Obama’s Libya Address: A Primer

So Mr. Obama finally decided that the American people should be informed about his reasoning on why he has started a third war in the Islamic world.  For Obama, it is incomprehensible why he did not do this earlier.  Two weeks into this mission, opposition to the policy is hardening not only on the right, but on the extreme left as well.

But in any case, Obama’s moment to educate us is here.  What questions must he answer?

1.  Is there any American vital interest in Libya?

I think the answer was given by Sec. Gates yesterday:  No.  But I would like to hear the President’s opinion, which ultimately is the only one that matters.

2.  What are our military objectives?

The UN resolution, as well as the diplomatic talk after, have been scattered.  If this is purely a humanitarian mission, then haven’t we already achieved our goals, by stopping the massacre in Benghazi?

If defending Benghazi was simply the beginning of the ‘humanitarian mission’, that is fair.  But then, the President must delineate to what extent we will carry through on humanitarian grounds.  For example, will we help march into Tripoli, to protect those that are being oppressed there?

3.  Are our military objectives even achievable?

This is a dire question.  I think that one can argue about the morality of protecting the civilians on the ground.  No one wants to see women, children, and innocents dying because of the insanity of a sociopath.

However, no one in this mission has explained what the end game is.  It has been clearly stated that it is NOT the removal of Qaddafi.  Well, that is fine; then what is it?

There is no scenario that I can picture in which Qaddafi survives, and we walk away.   That simply is no longer a choice.  We either remove the regime, or we are in it for a long, hard slog, which will entail nation building in one manner or another.  The only other option is peacekeepers on the ground, and no one in the current coalition is willing to do that.

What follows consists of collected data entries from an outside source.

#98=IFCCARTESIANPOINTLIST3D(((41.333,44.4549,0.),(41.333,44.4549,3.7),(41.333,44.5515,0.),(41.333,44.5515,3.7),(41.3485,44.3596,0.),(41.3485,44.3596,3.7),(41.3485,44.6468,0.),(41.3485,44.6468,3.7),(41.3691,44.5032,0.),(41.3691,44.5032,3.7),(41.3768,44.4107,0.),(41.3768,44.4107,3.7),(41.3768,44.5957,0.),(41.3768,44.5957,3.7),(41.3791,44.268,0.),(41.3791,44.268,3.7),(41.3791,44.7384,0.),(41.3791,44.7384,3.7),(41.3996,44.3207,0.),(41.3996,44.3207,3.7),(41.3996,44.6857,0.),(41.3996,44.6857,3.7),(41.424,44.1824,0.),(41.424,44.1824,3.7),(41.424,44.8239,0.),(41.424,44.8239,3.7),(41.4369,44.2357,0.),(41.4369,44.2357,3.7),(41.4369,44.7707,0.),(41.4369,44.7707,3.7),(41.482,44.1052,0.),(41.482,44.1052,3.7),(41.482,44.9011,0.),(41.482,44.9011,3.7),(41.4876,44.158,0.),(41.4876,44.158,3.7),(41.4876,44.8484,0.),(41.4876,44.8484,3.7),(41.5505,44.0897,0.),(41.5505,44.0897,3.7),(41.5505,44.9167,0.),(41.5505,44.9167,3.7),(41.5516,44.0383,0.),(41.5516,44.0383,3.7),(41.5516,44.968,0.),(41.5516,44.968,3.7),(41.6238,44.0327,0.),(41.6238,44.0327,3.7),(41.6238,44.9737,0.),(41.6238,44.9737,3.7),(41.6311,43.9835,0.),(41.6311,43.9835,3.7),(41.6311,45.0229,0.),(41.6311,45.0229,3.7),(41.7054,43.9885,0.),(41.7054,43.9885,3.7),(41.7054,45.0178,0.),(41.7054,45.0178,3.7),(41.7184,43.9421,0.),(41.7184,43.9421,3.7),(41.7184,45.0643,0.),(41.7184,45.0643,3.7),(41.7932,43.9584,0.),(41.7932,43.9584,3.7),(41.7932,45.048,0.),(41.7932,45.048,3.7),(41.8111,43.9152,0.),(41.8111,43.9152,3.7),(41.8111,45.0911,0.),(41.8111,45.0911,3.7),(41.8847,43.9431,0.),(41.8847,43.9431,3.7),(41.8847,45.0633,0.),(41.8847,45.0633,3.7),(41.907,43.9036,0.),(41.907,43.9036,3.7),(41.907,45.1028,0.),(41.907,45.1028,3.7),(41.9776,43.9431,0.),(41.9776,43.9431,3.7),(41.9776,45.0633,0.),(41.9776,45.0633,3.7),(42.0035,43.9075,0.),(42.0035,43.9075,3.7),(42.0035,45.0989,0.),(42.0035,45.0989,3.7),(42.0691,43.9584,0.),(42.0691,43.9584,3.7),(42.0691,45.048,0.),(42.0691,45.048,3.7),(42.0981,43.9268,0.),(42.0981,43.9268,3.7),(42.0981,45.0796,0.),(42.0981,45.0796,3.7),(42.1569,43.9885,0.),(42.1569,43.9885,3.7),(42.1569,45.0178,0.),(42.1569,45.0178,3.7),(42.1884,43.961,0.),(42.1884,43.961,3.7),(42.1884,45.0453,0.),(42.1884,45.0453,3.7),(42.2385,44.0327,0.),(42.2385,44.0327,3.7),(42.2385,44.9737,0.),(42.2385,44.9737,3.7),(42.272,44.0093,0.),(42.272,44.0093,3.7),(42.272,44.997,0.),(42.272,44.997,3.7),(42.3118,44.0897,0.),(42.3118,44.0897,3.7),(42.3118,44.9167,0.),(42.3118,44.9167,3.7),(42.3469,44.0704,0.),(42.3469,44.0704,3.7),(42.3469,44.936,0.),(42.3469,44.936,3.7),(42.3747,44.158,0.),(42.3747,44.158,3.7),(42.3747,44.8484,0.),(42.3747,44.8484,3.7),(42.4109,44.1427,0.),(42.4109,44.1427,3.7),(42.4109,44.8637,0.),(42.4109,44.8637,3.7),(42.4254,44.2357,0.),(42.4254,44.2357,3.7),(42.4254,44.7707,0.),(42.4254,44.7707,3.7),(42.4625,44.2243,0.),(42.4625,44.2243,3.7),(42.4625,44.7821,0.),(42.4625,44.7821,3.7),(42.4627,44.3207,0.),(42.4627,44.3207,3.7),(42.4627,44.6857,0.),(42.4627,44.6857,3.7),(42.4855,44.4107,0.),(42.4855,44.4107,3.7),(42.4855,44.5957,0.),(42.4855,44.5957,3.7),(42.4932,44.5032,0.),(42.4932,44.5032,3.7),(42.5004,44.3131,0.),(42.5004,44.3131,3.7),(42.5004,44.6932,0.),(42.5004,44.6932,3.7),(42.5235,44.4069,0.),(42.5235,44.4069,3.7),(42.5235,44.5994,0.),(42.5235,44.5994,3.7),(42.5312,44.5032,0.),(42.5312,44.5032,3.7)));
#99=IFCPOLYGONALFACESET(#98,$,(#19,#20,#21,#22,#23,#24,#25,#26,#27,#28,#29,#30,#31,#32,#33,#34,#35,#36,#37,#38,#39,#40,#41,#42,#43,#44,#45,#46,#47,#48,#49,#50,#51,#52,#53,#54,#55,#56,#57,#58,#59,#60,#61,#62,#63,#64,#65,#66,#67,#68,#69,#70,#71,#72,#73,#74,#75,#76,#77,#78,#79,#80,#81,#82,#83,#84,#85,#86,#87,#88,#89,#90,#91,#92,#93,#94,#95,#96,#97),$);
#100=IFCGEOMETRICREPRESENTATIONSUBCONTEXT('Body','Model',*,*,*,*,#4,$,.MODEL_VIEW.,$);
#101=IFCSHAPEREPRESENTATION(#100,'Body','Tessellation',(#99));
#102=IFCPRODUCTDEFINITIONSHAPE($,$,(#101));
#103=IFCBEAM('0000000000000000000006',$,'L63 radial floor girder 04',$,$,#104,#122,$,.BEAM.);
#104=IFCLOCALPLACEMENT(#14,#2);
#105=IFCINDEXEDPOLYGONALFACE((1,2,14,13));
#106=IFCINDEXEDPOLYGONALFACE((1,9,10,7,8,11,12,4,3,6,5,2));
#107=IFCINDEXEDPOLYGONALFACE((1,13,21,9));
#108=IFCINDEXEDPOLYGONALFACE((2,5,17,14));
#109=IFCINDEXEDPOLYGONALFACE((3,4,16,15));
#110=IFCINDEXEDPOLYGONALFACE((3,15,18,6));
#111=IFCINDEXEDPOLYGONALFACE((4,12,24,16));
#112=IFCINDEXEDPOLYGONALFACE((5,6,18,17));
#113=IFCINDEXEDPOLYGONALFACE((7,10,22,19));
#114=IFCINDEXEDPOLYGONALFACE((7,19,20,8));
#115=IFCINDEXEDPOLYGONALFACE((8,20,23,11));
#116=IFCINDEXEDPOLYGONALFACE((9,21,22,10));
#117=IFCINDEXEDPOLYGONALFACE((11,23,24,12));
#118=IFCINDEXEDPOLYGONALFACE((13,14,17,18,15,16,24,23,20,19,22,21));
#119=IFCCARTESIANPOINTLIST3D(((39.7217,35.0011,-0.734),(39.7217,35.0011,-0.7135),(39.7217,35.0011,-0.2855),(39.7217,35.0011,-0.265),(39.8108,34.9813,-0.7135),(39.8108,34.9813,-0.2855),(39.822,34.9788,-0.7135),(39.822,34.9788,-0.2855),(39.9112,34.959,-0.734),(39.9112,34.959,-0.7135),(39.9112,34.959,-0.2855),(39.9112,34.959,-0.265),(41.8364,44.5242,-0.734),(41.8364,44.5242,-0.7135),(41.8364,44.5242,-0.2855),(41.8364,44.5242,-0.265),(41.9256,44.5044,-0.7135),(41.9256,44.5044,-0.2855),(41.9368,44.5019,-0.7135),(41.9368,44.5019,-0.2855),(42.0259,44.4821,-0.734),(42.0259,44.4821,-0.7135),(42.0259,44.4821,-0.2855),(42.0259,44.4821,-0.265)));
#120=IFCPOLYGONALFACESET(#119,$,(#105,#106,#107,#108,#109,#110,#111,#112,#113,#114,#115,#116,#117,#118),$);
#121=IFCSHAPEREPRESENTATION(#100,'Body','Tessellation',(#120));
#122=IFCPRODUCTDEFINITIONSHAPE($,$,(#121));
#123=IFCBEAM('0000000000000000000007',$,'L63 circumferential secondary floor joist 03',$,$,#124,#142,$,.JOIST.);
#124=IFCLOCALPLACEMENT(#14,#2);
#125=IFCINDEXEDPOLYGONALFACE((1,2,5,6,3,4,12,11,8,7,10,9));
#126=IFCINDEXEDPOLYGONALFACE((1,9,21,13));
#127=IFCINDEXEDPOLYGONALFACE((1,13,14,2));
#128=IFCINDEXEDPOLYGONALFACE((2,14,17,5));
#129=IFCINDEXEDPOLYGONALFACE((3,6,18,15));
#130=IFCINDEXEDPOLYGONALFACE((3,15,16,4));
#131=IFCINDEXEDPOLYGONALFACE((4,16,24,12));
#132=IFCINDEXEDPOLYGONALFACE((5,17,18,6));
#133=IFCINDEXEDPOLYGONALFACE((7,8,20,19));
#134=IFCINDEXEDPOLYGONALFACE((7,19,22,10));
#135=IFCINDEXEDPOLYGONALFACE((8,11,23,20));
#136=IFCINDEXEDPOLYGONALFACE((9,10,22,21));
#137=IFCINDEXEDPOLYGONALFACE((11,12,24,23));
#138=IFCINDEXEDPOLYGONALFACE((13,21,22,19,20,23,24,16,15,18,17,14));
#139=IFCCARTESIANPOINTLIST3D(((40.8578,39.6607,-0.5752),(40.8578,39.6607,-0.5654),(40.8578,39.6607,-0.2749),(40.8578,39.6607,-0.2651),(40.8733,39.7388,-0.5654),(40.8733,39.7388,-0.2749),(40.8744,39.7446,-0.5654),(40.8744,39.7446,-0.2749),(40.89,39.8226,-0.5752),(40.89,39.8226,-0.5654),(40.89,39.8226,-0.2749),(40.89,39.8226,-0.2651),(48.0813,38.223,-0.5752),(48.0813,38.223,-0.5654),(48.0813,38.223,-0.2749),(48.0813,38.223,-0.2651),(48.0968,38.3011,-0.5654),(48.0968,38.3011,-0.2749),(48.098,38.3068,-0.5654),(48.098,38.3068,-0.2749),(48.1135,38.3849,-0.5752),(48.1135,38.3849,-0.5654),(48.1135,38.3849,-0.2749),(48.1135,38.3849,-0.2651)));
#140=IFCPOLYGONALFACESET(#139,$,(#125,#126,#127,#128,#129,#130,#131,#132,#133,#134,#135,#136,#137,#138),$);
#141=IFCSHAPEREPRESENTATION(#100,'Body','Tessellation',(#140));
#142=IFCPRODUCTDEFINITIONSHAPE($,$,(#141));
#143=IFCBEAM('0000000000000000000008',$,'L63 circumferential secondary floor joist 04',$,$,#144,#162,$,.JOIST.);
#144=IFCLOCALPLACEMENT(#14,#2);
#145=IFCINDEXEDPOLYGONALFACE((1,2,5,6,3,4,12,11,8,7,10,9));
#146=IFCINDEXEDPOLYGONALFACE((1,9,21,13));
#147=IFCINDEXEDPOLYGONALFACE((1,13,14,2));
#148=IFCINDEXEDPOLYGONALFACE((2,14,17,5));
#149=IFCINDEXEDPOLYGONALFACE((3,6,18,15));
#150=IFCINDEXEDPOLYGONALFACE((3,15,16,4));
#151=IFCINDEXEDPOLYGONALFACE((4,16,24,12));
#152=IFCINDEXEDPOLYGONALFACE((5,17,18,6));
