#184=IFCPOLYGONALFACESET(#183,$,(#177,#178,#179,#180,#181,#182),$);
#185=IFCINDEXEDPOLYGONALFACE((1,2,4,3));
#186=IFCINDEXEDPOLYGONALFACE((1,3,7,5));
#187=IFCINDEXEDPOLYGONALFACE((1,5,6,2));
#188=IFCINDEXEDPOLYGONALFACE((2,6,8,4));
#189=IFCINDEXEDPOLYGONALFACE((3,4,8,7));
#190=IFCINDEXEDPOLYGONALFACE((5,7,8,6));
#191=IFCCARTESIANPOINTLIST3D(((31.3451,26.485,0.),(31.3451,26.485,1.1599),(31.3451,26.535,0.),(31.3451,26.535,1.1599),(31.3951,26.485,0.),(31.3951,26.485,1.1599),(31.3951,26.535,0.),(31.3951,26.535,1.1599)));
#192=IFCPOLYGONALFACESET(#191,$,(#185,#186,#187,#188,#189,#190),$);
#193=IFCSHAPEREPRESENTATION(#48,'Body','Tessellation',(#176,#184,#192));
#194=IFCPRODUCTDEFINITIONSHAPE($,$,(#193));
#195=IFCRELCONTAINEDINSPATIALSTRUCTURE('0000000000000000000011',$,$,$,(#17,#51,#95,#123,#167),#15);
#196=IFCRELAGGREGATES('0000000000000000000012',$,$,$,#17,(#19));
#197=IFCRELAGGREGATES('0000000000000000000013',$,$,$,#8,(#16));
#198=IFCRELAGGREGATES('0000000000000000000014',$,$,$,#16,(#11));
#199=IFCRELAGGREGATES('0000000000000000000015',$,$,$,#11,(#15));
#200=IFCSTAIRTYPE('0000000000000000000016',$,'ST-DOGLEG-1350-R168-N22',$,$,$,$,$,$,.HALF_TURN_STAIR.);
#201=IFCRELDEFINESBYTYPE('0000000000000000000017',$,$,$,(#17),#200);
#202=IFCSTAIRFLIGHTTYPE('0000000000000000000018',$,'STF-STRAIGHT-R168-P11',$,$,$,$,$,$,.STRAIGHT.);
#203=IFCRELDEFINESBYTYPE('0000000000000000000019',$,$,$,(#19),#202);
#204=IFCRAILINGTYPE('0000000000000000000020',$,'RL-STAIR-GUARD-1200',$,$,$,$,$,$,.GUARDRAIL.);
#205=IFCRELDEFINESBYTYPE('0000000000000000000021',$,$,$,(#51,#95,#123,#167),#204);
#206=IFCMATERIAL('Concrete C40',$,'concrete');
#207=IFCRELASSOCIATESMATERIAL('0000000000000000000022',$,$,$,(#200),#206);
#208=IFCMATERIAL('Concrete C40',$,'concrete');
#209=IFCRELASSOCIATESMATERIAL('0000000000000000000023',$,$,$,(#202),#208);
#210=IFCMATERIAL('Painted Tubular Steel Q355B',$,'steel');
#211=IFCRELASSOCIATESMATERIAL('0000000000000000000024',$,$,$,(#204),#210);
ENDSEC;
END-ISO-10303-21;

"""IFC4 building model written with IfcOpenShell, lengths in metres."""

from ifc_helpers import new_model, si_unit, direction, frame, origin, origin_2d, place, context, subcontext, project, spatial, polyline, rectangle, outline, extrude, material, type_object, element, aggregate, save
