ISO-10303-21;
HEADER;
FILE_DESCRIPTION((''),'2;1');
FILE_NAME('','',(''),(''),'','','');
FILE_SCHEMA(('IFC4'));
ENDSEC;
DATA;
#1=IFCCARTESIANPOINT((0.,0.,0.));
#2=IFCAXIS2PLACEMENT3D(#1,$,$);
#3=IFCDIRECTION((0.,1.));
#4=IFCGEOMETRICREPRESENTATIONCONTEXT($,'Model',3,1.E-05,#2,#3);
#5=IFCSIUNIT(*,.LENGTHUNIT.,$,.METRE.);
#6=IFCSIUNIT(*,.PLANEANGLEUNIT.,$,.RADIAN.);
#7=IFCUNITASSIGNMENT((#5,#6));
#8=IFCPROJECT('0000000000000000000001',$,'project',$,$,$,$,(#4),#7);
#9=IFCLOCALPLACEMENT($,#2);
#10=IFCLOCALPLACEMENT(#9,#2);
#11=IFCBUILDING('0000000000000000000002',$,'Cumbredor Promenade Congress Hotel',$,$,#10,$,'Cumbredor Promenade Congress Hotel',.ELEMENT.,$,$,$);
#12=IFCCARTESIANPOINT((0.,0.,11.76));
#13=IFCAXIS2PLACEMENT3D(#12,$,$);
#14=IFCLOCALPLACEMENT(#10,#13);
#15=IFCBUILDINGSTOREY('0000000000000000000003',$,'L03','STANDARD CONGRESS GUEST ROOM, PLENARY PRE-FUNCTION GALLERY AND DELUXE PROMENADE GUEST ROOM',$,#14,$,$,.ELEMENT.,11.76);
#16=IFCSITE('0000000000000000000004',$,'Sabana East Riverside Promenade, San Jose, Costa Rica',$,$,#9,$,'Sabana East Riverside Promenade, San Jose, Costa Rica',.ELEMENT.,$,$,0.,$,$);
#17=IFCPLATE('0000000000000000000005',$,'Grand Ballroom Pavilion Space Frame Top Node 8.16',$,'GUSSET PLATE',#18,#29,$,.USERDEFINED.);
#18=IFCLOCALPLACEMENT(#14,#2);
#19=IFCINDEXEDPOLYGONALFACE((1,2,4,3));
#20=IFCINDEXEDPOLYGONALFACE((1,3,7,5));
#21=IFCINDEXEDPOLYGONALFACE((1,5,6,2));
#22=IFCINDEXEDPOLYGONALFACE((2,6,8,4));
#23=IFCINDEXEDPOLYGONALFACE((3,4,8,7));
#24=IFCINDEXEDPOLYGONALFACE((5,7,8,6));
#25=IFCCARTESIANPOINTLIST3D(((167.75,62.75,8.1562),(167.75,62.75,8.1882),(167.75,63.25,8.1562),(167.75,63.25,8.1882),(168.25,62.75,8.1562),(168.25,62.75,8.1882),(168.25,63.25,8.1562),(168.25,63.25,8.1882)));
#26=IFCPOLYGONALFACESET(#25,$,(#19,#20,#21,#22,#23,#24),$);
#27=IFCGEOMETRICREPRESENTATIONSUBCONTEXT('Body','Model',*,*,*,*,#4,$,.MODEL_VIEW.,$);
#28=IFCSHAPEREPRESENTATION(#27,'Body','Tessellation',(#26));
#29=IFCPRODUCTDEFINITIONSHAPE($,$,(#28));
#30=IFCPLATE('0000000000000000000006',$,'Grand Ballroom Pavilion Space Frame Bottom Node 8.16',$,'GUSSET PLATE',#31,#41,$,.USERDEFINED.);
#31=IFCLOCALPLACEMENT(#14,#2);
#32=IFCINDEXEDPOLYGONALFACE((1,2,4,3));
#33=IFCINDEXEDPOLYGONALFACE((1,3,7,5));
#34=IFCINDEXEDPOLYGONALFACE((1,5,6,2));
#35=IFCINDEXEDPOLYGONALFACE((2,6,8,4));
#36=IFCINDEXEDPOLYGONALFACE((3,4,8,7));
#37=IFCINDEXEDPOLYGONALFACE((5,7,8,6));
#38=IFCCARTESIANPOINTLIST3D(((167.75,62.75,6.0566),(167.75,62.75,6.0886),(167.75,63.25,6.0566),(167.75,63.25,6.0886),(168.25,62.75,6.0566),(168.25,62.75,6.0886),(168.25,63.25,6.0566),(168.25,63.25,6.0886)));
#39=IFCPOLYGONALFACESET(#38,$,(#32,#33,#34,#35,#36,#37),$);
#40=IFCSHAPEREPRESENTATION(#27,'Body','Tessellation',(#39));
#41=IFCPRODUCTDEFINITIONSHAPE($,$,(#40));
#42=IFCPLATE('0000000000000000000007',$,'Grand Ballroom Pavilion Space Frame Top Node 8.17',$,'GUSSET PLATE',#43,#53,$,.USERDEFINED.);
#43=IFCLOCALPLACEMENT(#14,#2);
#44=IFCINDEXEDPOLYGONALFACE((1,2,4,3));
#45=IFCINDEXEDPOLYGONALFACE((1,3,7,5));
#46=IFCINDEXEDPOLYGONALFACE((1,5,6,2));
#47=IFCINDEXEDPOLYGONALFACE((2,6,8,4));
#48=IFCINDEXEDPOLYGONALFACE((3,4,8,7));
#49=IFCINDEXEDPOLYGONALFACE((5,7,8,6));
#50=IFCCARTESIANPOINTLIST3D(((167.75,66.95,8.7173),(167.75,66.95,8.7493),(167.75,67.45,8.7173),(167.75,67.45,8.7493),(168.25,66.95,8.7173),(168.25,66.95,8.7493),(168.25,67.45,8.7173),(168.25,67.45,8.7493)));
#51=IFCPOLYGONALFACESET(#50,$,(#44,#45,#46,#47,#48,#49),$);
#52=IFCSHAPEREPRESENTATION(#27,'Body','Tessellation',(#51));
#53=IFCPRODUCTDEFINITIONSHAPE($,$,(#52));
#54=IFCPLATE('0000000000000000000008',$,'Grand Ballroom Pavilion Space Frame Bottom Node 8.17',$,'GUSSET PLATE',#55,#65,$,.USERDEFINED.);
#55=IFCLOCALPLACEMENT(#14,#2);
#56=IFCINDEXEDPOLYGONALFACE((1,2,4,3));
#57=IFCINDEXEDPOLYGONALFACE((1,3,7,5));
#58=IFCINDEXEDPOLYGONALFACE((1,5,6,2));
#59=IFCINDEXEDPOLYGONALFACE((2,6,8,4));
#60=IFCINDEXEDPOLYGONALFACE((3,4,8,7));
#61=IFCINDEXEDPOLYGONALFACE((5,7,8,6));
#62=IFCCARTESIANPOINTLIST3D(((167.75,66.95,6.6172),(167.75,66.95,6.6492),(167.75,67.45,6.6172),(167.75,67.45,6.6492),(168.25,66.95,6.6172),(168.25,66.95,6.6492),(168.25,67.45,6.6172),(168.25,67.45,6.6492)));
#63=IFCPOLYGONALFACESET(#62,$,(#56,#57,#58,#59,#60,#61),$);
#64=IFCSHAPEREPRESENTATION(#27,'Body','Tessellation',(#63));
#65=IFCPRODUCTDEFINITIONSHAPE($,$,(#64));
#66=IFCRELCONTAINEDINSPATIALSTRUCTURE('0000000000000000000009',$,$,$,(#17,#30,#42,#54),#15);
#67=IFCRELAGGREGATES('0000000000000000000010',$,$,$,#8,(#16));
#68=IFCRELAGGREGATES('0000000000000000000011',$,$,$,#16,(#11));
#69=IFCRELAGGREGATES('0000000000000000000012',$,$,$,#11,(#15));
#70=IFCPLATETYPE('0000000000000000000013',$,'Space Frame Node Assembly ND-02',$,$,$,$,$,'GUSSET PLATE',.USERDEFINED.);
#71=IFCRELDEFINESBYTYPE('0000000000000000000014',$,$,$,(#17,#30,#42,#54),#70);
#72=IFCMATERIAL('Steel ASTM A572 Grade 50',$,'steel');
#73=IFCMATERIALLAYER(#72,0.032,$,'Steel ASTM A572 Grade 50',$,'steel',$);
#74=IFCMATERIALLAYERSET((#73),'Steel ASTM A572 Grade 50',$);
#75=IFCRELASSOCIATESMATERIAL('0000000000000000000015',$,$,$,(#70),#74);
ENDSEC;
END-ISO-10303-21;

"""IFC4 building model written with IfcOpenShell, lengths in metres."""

from ifc_helpers import new_model, si_unit, direction, frame, origin, origin_2d, place, context, subcontext, project, spatial, rectangle, extrude, material, layer, layer_set, type_object, element, save


model = new_model("IFC4")

# Units and contexts
model_context = context("Model", 3, precision=1e-05, world=origin(), true_north=direction((0.0, 1.0)))
body_context = subcontext(model_context, "Body", "Model", "MODEL_VIEW")
ifc_project = project(units=[si_unit("LENGTHUNIT", "METRE"), si_unit("PLANEANGLEUNIT", "RADIAN")], contexts=[model_context])

# Site, building, storey
site_placement = place(None, origin())
site = spatial("IfcSite", under=ifc_project, at=site_placement, Name="Sabana East Riverside Promenade, San Jose, Costa Rica", LongName="Sabana East Riverside Promenade, San Jose, Costa Rica", CompositionType="ELEMENT", RefElevation=0.0)
building_placement = place(site_placement, origin())
building = spatial("IfcBuilding", under=site, at=building_placement, Name="Cumbredor Promenade Congress Hotel", LongName="Cumbredor Promenade Congress Hotel", CompositionType="ELEMENT")
storey_placement = place(building_placement, frame((0.0, 0.0, 11.76)))
storey = spatial("IfcBuildingStorey", under=building, at=storey_placement, Name="L03", Description="STANDARD CONGRESS GUEST ROOM, PLENARY PRE-FUNCTION GALLERY AND DELUXE PROMENADE GUEST ROOM", CompositionType="ELEMENT", Elevation=11.76)

# Plates
ifc_material_1 = material(Name="Steel ASTM A572 Grade 50", Category="steel")
ifc_layer_1 = layer(ifc_material_1, 0.032, Name="Steel ASTM A572 Grade 50", Category="steel")
ifc_layer_set_1 = layer_set([ifc_layer_1], Name="Steel ASTM A572 Grade 50")
plate_type_1 = type_object("IfcPlateType", Name="Space Frame Node Assembly ND-02", ElementType="GUSSET PLATE", PredefinedType="USERDEFINED", material=ifc_layer_set_1)
for number, where, z_axis, x_axis, name in (
    (1, (168.0, 63.0, 8.1562), (0.0, 0.0, 1.0), (1.0, 0.0, 0.0), "Grand Ballroom Pavilion Space Frame Top Node 8.16"),
    (2, (168.0, 63.0, 6.0566), (0.0, 0.0, 1.0), (1.0, 0.0, 0.0), "Grand Ballroom Pavilion Space Frame Bottom Node 8.16"),
    (3, (168.0, 67.2, 8.7173), (0.0, 0.0, 1.0), (1.0, 0.0, 0.0), "Grand Ballroom Pavilion Space Frame Top Node 8.17"),
    (4, (168.0, 67.2, 6.6172), (0.0, 0.0, 1.0), (1.0, 0.0, 0.0), "Grand Ballroom Pavilion Space Frame Bottom Node 8.17"),
):
    element("IfcPlate", number, at=place(storey_placement, frame(where, z_axis=z_axis, x_axis=x_axis)), inside=storey, type_object=plate_type_1, Name=name, ObjectType="GUSSET PLATE", PredefinedType="USERDEFINED", context=body_context, shape_type="SweptSolid", body=[
        extrude(rectangle(XDim=0.5, YDim=0.5, at=origin_2d()), origin(), (0.0, 0.0, 1.0), 0.032),
    ])

save(model, "model.ifc")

Benghazi has been saved, and Obama can take solace that at least that much has been achieved.  But now, after achieving the short term goal, what is the next step?  If the rebels are unable to take Tripoli, does the war continue?  How does that line up with Obama’s denial of seeking regime change?  Simply put, the goals so far stated do not coincide with one another.  It is illogical en face.  And that leads to the next question…

4.  Is there a scenario that leaves Qaddafi in power?  Is there a definition of success that does not include regime change?

Obama’s has come under the most criticism, arguably, for both supporting and denying support for the ouster of Qaddafi.  Obama runs away from the term ‘regime change’ like is the plague.  But after proclaiming several weeks ago the he is an illegitimate leader of his people and must go, can Obama walk away from that, regardless of the United Nations mandate?

It seems that Obama has drawn a line in the sand:  Qaddafi, but not one dictator farther.  It is an embarrassment of a doctrine.  Obama has already stepped over the theoretical line.  If, for example, Assad kills tens of thousands of demonstrators in Syria, will we simply wash our hands of it?  We could have, honestly so, before the attack on Libya.  Now?  It is unlikely the Arab street would forgive the West, and America in particular, for ignoring such an event.

5.  Was this mission constitutional?  And did the President meet the minimal requirements necessary for foreign military intervention?

I won’t go into thorough detail on this because, frankly, the issue has been beaten to death.  But Obama should be held to account.  He himself stated that exactly this type of intervention required Congressional approval 3 years ago.  He should have to defend  his current position, and if he has changed his mind, at least admit he has done so.


Simply, Obama must do tonight what most Presidents do on the initial night of such a conflict:  explain to the American people why we should risk our blood and treasure in a foreign land.  The American public will not always believe the President’s assertion, or his policy, but they have the right to hear the reasons directly from the mouth of the Commander-in-Chief.

In this case, Obama hurt his own credibility by not doing this sooner.  Regardless of his answers to the above, I think he will have to accept that much, if not most, of the country does not support this mission, for any reason.


One thought on “Obama’s Libya Address: A Primer

  • March 29, 2011 at 5:27 am

    Why is the tragedy in Libya different from other tragedy? Why this time? Why wait to explain it? Why the kitten hands for the President on so many issues?

    It is time for him to step up… or: step down.